Semiclassical Theory of Saturated Absorption in Gases

Abstract

A three-dimensional theory for the resonant interaction of electromagnetic waves with a gas of two-level atoms is formulated in terms of macroscopic variables. The theory is utilized to find the steady-state attenuation of a plane wave in the presence of another plane wave running in the opposite direction with different amplitude. Contributions are included from the reflection of the oppositely running wave by an induced standing-wave inhomogeneity in the population inversion of the medium. The resulting attenuation and reflection coefficients are expressed as velocity integrals of continued fractions.

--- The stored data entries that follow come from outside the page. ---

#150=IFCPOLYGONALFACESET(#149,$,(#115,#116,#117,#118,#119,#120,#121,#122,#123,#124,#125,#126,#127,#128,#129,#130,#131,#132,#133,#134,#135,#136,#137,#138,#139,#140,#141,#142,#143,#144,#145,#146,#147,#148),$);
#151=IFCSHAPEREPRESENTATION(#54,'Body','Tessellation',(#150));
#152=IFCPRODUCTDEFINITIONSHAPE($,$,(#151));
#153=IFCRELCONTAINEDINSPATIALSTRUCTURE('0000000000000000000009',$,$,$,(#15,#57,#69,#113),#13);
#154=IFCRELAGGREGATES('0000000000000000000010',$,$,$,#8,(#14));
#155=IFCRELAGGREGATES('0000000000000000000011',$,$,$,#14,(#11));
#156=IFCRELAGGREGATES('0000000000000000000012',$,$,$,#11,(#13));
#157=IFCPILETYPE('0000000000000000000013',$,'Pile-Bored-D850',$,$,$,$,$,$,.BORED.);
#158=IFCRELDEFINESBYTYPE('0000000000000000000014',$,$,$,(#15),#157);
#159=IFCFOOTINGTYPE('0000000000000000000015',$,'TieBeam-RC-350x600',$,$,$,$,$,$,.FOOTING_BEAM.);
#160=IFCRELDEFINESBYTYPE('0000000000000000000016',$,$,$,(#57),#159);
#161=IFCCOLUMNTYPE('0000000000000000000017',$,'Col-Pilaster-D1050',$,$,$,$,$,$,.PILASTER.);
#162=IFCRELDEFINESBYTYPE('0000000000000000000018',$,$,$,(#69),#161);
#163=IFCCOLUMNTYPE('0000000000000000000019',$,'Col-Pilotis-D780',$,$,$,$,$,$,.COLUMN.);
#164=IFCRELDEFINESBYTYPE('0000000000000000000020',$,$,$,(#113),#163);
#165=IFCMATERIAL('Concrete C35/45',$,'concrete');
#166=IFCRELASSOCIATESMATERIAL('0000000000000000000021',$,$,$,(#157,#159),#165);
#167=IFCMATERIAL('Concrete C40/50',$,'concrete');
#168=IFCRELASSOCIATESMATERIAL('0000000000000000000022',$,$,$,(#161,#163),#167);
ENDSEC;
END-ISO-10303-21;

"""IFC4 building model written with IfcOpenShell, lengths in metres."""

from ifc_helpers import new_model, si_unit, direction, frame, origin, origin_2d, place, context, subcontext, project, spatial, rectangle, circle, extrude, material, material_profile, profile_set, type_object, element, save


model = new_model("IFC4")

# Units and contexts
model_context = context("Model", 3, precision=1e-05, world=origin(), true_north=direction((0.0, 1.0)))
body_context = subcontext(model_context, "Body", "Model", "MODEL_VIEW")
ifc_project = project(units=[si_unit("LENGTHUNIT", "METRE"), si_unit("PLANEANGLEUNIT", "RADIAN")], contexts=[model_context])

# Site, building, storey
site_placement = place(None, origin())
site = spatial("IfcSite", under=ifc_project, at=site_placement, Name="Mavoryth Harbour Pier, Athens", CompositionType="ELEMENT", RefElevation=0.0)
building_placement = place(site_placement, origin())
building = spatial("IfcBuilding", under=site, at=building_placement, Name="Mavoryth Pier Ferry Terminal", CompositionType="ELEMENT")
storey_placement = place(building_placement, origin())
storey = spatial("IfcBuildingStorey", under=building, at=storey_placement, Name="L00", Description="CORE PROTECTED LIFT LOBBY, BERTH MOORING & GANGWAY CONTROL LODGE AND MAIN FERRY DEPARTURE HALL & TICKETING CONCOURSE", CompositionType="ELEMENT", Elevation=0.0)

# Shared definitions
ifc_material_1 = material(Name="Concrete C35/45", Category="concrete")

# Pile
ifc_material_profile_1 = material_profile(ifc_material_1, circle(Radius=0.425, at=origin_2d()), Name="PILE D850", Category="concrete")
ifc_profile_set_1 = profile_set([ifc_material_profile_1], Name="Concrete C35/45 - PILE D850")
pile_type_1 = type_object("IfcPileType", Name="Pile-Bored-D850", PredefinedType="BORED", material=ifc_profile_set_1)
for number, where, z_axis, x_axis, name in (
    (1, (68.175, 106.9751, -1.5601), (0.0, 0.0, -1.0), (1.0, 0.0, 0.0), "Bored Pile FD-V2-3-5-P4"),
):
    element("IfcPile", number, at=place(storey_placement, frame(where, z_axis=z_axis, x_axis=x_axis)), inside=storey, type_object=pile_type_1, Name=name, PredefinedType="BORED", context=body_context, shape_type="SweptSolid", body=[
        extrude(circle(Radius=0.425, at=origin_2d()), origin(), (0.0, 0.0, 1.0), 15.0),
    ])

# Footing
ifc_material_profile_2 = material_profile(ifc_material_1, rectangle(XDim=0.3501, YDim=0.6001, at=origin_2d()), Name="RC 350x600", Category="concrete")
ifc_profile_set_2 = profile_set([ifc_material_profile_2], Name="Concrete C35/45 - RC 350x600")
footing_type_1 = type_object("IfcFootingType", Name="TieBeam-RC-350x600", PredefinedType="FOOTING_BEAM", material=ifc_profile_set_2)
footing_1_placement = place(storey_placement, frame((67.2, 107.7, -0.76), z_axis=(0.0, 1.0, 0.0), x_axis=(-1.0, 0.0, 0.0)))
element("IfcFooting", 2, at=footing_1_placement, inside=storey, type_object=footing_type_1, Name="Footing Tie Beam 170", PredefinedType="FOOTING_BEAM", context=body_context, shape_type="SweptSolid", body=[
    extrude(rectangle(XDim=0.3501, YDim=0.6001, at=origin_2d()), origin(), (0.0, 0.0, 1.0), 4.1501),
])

Correspondence is made with existing gas-laser theories, yielding the formulation of a high-intensity ring-laser theory. Analytic approximations for the coefficients are presented for the Doppler-limit cases of both waves weak, one wave weak, and negligible reflection (rate-equation approximation). More-general cases have been calculated numerically. The attenuation coefficients exhibit a Lamb-dip feature. The relative depth of the dip increases rapidly with power at low saturation levels, slowly at high saturation, and is greater in the attenuation of the weaker wave. The width of the dip is nonlinearly power broadened. The shape of the dip is very nearly Lorentzian, except for one special case at high power in which the line splits. The propagation equations for the two waves are integrated over long absorption paths. A large resulting attenuation increases the relative size of the dip while decreasing the power broadening.